Closed caiquanyou closed 4 years ago

caiquanyou commented 4 years ago

the snakemake runs no other problem ,but in this step run_ZIFA.py,it took 100%CPU occupied. timeout 12h python -u run_ZIFA.py -i ../Datasets/data/Bach/data.h5 -o ../Results/ZIFA/Bach/dim_20/seed_15/result.h5 -g seurat_genes -d 20 -s 15 --clean cell_ontology_class > ../Results/ZIFA/Bach/dim_20/seed_15/log.txt 2>&1 few hours no output,is it something wrong?

Jeff1995 commented 4 years ago

I observed the same thing. It should be normal.

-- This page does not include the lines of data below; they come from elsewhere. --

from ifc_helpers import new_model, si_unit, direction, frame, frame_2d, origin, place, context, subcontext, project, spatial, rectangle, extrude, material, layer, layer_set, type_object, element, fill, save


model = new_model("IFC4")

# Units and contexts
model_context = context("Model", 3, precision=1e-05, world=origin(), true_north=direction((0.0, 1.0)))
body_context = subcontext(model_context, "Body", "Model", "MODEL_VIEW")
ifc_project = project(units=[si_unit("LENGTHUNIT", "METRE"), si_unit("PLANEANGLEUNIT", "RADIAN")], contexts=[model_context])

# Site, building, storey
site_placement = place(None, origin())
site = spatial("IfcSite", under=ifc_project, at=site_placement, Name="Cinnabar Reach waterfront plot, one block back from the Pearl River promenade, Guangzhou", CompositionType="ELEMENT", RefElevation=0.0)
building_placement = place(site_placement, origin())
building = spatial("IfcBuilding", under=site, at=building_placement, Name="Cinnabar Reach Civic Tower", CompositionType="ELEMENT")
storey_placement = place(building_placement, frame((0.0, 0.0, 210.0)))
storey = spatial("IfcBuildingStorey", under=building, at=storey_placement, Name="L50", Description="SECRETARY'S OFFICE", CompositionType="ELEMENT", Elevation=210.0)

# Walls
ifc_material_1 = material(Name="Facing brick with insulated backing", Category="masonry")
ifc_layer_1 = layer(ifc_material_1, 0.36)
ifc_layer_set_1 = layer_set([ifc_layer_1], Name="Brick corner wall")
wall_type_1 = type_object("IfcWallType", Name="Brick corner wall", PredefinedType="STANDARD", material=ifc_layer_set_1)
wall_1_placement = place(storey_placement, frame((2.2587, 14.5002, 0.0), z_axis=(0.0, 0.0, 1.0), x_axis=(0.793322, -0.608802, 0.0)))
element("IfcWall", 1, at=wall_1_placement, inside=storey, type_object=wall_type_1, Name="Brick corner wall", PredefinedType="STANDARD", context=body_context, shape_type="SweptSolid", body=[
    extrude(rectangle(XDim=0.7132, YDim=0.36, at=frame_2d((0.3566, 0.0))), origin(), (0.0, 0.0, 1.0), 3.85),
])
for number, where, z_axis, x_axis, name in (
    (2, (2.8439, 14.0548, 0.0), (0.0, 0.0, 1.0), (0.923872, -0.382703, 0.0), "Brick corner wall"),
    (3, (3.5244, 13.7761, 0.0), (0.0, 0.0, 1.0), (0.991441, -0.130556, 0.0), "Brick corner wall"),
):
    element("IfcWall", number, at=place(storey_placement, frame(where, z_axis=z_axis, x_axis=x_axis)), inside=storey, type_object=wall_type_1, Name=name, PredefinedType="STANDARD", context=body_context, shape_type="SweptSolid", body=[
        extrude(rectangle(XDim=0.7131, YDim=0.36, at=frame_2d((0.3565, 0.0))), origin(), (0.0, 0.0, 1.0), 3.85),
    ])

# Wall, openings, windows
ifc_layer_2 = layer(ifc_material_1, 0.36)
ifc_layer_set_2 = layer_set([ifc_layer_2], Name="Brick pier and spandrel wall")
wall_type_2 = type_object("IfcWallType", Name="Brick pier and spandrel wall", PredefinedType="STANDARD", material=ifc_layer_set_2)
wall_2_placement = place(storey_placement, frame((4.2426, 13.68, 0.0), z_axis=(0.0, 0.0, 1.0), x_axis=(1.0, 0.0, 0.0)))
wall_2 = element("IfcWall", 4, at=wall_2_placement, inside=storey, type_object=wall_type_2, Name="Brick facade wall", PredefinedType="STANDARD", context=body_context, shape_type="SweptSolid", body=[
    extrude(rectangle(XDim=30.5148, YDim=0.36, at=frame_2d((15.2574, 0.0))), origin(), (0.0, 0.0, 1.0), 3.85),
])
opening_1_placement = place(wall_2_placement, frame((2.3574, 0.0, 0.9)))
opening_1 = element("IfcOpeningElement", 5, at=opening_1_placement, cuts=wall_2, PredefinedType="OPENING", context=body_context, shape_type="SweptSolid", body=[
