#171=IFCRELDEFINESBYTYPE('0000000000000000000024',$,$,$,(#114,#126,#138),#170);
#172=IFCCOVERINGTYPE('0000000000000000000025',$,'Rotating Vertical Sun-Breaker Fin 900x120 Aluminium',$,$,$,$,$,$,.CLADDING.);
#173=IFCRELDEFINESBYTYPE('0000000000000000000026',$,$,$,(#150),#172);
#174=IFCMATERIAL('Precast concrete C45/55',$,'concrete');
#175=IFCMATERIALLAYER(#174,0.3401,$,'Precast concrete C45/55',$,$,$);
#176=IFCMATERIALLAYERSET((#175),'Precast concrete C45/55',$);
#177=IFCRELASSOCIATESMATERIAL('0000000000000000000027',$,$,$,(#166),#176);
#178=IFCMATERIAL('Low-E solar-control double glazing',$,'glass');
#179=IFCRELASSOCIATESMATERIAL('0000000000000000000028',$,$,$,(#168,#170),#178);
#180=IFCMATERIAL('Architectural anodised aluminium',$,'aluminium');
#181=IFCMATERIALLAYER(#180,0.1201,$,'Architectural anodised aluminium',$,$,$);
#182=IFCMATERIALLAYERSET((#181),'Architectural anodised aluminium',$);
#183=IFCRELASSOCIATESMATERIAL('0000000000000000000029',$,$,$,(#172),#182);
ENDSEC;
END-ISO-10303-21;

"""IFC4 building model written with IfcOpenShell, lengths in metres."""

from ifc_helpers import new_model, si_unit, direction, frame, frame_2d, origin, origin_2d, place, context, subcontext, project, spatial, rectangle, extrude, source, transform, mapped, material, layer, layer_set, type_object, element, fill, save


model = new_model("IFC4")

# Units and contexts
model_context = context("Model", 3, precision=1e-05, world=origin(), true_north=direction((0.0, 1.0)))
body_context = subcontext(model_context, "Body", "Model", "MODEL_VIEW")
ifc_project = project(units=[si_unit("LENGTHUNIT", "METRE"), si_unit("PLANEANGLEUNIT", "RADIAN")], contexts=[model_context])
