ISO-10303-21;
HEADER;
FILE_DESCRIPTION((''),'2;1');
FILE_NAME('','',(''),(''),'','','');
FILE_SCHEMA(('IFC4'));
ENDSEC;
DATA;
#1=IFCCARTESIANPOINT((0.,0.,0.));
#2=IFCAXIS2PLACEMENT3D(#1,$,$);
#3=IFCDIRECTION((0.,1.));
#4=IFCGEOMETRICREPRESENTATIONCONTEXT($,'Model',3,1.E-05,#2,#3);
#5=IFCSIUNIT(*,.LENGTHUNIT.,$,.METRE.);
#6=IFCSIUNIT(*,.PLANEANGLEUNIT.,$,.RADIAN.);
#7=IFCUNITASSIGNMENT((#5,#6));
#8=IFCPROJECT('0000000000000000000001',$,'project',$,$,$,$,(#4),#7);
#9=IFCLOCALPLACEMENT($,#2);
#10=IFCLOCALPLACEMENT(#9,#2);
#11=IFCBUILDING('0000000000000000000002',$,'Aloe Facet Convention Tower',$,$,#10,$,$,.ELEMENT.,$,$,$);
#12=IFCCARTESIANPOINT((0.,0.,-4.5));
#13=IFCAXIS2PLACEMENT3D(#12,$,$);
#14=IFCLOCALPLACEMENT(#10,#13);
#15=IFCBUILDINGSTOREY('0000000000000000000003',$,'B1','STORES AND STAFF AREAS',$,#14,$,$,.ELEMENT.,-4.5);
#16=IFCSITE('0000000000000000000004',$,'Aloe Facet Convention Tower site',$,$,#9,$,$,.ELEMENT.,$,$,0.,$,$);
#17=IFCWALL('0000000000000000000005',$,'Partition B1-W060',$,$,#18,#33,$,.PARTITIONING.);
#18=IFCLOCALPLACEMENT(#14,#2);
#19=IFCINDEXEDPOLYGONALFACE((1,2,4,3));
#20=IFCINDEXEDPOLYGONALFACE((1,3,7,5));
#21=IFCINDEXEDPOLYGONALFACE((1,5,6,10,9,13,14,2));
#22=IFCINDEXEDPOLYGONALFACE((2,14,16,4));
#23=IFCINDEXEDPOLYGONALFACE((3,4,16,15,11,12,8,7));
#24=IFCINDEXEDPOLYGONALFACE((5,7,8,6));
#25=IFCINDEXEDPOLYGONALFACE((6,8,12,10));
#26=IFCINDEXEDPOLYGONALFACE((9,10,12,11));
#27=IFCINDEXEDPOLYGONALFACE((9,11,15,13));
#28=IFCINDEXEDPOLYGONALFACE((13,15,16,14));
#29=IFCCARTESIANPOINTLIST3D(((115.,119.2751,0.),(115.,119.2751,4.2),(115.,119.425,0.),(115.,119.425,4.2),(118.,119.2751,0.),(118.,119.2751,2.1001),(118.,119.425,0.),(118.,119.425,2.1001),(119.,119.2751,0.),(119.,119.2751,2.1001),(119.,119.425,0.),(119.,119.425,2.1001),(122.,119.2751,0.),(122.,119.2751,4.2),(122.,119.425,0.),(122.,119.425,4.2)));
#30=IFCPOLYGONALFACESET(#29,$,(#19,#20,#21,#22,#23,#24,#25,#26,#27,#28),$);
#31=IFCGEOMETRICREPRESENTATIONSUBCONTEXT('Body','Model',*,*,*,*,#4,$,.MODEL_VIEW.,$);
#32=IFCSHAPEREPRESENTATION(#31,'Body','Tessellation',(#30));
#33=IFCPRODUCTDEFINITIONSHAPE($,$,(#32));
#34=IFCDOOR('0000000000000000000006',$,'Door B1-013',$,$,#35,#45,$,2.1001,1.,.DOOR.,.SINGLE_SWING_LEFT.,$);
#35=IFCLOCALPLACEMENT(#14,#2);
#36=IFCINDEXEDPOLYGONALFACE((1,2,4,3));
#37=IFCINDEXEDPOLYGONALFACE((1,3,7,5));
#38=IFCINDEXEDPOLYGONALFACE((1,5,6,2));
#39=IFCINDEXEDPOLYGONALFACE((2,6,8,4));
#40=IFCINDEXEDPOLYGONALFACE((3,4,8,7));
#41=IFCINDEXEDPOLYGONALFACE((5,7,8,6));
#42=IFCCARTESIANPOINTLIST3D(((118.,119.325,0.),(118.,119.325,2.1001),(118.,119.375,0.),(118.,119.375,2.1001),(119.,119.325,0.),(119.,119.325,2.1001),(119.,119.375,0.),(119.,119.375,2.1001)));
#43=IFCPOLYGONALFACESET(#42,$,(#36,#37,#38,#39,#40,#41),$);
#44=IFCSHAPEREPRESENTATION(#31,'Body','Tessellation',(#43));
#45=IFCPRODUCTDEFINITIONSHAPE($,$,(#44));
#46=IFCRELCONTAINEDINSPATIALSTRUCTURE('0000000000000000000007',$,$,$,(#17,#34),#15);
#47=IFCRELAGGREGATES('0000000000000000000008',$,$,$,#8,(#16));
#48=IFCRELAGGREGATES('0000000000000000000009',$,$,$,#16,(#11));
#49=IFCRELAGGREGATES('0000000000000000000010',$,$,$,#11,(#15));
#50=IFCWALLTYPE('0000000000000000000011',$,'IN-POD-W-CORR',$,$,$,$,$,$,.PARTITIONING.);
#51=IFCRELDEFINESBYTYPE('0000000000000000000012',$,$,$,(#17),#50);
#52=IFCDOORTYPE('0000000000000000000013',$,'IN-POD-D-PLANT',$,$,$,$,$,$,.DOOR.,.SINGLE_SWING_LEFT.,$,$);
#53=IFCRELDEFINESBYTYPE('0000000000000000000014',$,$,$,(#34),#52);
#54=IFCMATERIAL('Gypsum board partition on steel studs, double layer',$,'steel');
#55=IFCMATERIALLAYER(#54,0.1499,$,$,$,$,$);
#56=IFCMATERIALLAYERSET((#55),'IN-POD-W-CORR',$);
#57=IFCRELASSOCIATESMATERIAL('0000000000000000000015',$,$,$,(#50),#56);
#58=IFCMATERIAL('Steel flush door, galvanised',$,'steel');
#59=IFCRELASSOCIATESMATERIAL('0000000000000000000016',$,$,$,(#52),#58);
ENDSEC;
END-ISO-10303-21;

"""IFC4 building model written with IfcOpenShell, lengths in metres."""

from ifc_helpers import new_model, si_unit, direction, frame, frame_2d, origin, place, context, subcontext, project, spatial, rectangle, extrude, material, layer, layer_set, type_object, element, fill, save


model = new_model("IFC4")

# Units and contexts
model_context = context("Model", 3, precision=1e-05, world=origin(), true_north=direction((0.0, 1.0)))
body_context = subcontext(model_context, "Body", "Model", "MODEL_VIEW")
ifc_project = project(units=[si_unit("LENGTHUNIT", "METRE"), si_unit("PLANEANGLEUNIT", "RADIAN")], contexts=[model_context])

# Site, building, storey
site_placement = place(None, origin())
site = spatial("IfcSite", under=ifc_project, at=site_placement, Name="Aloe Facet Convention Tower site", CompositionType="ELEMENT", RefElevation=0.0)
building_placement = place(site_placement, origin())
building = spatial("IfcBuilding", under=site, at=building_placement, Name="Aloe Facet Convention Tower", CompositionType="ELEMENT")
storey_placement = place(building_placement, frame((0.0, 0.0, -4.5)))
storey = spatial("IfcBuildingStorey", under=building, at=storey_placement, Name="B1", Description="STORES AND STAFF AREAS", CompositionType="ELEMENT", Elevation=-4.5)

# Shared definitions
ifc_material_1 = material(Name="Gypsum board partition on steel studs, double layer", Category="steel")
ifc_layer = layer(ifc_material_1, 0.1499)
ifc_layer_set = layer_set([ifc_layer], Name="IN-POD-W-CORR")
wall_type = type_object("IfcWallType", Name="IN-POD-W-CORR", PredefinedType="PARTITIONING", material=ifc_layer_set)

# Wall, opening, door
wall_1_placement = place(storey_placement, frame((115.0, 119.3501, 0.0), z_axis=(0.0, 0.0, 1.0), x_axis=(1.0, 0.0, 0.0)))
wall_1 = element("IfcWall", 1, at=wall_1_placement, inside=storey, type_object=wall_type, Name="Partition B1-W060", PredefinedType="PARTITIONING", context=body_context, shape_type="SweptSolid", body=[
    extrude(rectangle(XDim=7.0, YDim=0.1499, at=frame_2d((3.5, 0.0))), origin(), (0.0, 0.0, 1.0), 4.2),
])
opening_placement = place(wall_1_placement, frame((3.0, 0.0, 0.0)))
opening = element("IfcOpeningElement", 2, at=opening_placement, cuts=wall_1, PredefinedType="OPENING", context=body_context, shape_type="SweptSolid", body=[
    extrude(rectangle(XDim=1.0, YDim=2.1001, at=frame_2d((0.5, 1.05))), frame((0.0, 0.085, 0.0), z_axis=(0.0, -1.0, 0.0), x_axis=(1.0, 0.0, 0.0)), (0.0, 0.0, 1.0), 0.1699),
])
ifc_material_2 = material(Name="Steel flush door, galvanised", Category="steel")
door_type = type_object("IfcDoorType", Name="IN-POD-D-PLANT", OperationType="SINGLE_SWING_LEFT", PredefinedType="DOOR", material=ifc_material_2)
door_placement = place(opening_placement, origin())
door = element("IfcDoor", 3, at=door_placement, inside=storey, type_object=door_type, Name="Door B1-013", OperationType="SINGLE_SWING_LEFT", OverallHeight=2.1001, OverallWidth=1.0, PredefinedType="DOOR", context=body_context, shape_type="SweptSolid", body=[
    extrude(rectangle(XDim=1.0, YDim=2.1001, at=frame_2d((0.5, 1.05))), frame((0.0, 0.0249, 0.0), z_axis=(0.0, -1.0, 0.0), x_axis=(1.0, 0.0, 0.0)), (0.0, 0.0, 1.0), 0.05),
])
fill(opening, door)

save(model, "model.ifc")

ZIFA indeed seems slow on large datasets like "Bach".

caiquanyou commented 4 years ago

Ok,then i just keep it running and wait for output ,thx!

caiqy

 

------------------ 原始邮件 ------------------ 发件人: "gao-lab/Cell_BLAST" <notifications@github.com>; 发送时间: 2020年8月28日(星期五) 下午4:58 收件人: "gao-lab/Cell_BLAST"<Cell_BLAST@noreply.github.com>; 抄送: "xianmao"<951463554@qq.com>;"Author"<author@noreply.github.com>; 主题: Re: [gao-lab/Cell_BLAST] snakemake CPU question (#8)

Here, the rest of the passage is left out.